La schizophrénie (CIM-11 6A20) est un trouble psychotique chronique touchant 1 % de la population mondiale, soit environ 600 000 personnes en France. Elle débute typiquement entre 15 et 35 ans. Maladie hétérogène dans ses symptômes et son évolution, elle bénéficie aujourd'hui de traitements efficaces permettant une vie satisfaisante pour la majorité des patients.

Ce guide s'appuie sur les Recommandations HAS 2007 — Schizophrénie, le Guide HAS 2023 — Parcours de soins en psychiatrie, et les guidelines NICE NG185 (2020).

Les 3 dimensions symptomatiques

Symptômes positifs (ajout de perceptions/pensées aberrantes)

  • Hallucinations : auditives (voix) le plus souvent, visuelles, olfactives, tactiles.
  • Délires : persécution, référence, grandiosité, influence, empoisonnement.
  • Pensée désorganisée : incohérence du discours, coq-à-l'âne, néologismes.
  • Comportement désorganisé : imprévisible, inadapté au contexte.

Symptômes négatifs (perte de fonctions)

  • Apathie : perte de motivation, d'initiative.
  • Alogie : pauvreté du discours.
  • Anhédonie : perte de plaisir.
  • Repli social : isolement progressif.
  • Aboulie : incapacité à initier des actes.

Symptômes cognitifs

  • Déficits de la mémoire de travail, de l'attention, des fonctions exécutives.
  • Moins spectaculaires que les symptômes positifs, mais premier déterminant du fonctionnement.
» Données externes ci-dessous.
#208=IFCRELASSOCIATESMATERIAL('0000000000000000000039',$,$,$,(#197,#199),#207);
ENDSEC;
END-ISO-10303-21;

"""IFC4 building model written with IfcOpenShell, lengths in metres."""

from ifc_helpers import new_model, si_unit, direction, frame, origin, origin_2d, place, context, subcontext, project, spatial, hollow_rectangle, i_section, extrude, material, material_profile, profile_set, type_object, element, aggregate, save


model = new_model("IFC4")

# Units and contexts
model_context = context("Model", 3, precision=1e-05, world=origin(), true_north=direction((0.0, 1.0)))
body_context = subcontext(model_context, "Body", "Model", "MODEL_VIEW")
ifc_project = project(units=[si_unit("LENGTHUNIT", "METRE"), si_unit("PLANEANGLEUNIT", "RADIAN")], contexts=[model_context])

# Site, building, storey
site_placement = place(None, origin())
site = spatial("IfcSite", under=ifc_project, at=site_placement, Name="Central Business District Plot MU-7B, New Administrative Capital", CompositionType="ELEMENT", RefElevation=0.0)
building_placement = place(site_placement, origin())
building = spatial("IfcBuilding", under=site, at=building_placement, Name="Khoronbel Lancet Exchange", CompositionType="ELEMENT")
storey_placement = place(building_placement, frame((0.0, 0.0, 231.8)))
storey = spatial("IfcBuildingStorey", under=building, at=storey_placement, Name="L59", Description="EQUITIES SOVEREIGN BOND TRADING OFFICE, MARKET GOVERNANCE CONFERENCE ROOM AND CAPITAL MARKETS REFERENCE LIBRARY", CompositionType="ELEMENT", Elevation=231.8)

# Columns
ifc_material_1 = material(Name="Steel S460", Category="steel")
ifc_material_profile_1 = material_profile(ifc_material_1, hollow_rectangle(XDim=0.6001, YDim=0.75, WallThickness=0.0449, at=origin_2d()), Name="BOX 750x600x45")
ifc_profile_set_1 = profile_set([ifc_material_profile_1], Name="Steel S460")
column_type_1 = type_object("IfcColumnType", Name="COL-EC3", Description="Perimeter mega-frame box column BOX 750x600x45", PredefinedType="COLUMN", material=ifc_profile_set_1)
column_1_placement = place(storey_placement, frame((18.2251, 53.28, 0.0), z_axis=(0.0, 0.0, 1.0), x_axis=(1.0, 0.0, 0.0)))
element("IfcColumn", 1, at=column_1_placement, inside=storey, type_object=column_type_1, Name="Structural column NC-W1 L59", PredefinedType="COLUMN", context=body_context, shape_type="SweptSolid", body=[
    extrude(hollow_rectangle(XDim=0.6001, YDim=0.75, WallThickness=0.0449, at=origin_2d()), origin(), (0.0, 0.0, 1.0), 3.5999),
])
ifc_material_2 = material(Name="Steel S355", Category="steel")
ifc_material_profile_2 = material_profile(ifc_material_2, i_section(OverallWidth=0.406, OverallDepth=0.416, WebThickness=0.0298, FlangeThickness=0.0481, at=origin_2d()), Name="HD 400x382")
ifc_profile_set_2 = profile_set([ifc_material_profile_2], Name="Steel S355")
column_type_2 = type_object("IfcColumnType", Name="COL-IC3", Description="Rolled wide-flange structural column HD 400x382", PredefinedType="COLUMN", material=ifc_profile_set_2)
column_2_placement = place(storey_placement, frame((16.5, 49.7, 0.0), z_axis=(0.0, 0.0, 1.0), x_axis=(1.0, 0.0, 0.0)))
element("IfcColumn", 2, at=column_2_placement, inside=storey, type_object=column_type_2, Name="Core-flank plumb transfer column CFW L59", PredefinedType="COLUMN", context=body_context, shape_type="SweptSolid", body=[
Première décompensation psychotique

Reconnaître les prodromes (signes avant-coureurs, semaines à mois avant la décompensation) :

  • Isolement progressif.
  • Changements de comportement inexpliqués.
  • Idées inhabituelles, méfiance.
  • Altération des performances scolaires ou professionnelles.
  • Troubles du sommeil.

Toute suspicion de première psychose → consultation psychiatrique urgente.

Traitement médicamenteux

Antipsychotiques de 2e génération (atypiques) — 1re intention

  • Rispéridone, olanzapine, quétiapine, aripiprazole, palipéridone, amisulpride, clozapine.
  • Efficacité comparable sur les symptômes positifs.
  • Profils d'effets secondaires différents : prise de poids (olanzapine++), syndrome métabolique, allongement QT, sédation, akathisie.

Formes injectables à action prolongée (LAI)

  • Aripiprazole-LAI, palipéridone-LAI, rispéridone-LAI : injection mensuelle ou trimestrielle.
  • Améliore l'observance (problème majeur dans la schizophrénie).
  • Recommandées en 2e intention après stabilisation orale, ou d'emblée si préférence patient.

Clozapine

  • Réservée aux formes résistantes (échec ≥ 2 antipsychotiques dont 1 atypique).
  • Efficacité supérieure mais risque d'agranulocytose (NFS hebdomadaire puis mensuelle obligatoire).
  • Effet anti-suicidaire démontré.

Durée du traitement

  • Après 1er épisode : 2-5 ans.
  • Formes chroniques récidivantes : long cours souvent nécessaire.
  • Arrêt non encadré = rechute dans 70-80 % des cas dans les 2 ans.

Réhabilitation psychosociale

Aussi importante que le médicament :

  • Remédiation cognitive : exercices ciblant mémoire, attention, fonctions exécutives (neuroPsycholog, CRT).
  • Entraînement aux compétences sociales : habiletés conversationnelles, gestion des émotions.
  • Thérapie cognitivo-comportementale pour psychose (TCCp) : NICE NG185 la recommande en 1re ligne.
  • Soutien à l'emploi (IPS — Individual Placement and Support) : favorise l'insertion professionnelle.
  • Rétablissement orienté : pair-aidance, groupes de soutien.

Soins sans consentement

  • Soins psychiatriques à la demande d'un tiers (SPDT) ou sur décision du représentant de l'État (SPDRE) en cas de danger et impossibilité de consentir.
  • Encadrés par la loi du 5 juillet 2011 (modifiée 2013).
  • Objectif : phase de crise, retour au consentement aux soins dès que possible.

Et la nutrition au cœur ?

La schizophrénie est associée à un risque cardiovasculaire 2-3 fois supérieur à la population générale :

  • Syndrome métabolique : prise de poids (surtout sous olanzapine), dyslipidémie, hyperglycémie, HTA.
  • Bilan métabolique (glycémie, lipides, TA, tour de taille) à chaque consultation.
  • Diététicienne-nutritionniste : bilan nutritionnel, conseils alimentaires (régime méditerranéen), activité physique adaptée.
  • Tabac : prévalence 70-80 % dans la schizophrénie (interaction avec métabolisme de la clozapine par le CYP1A2).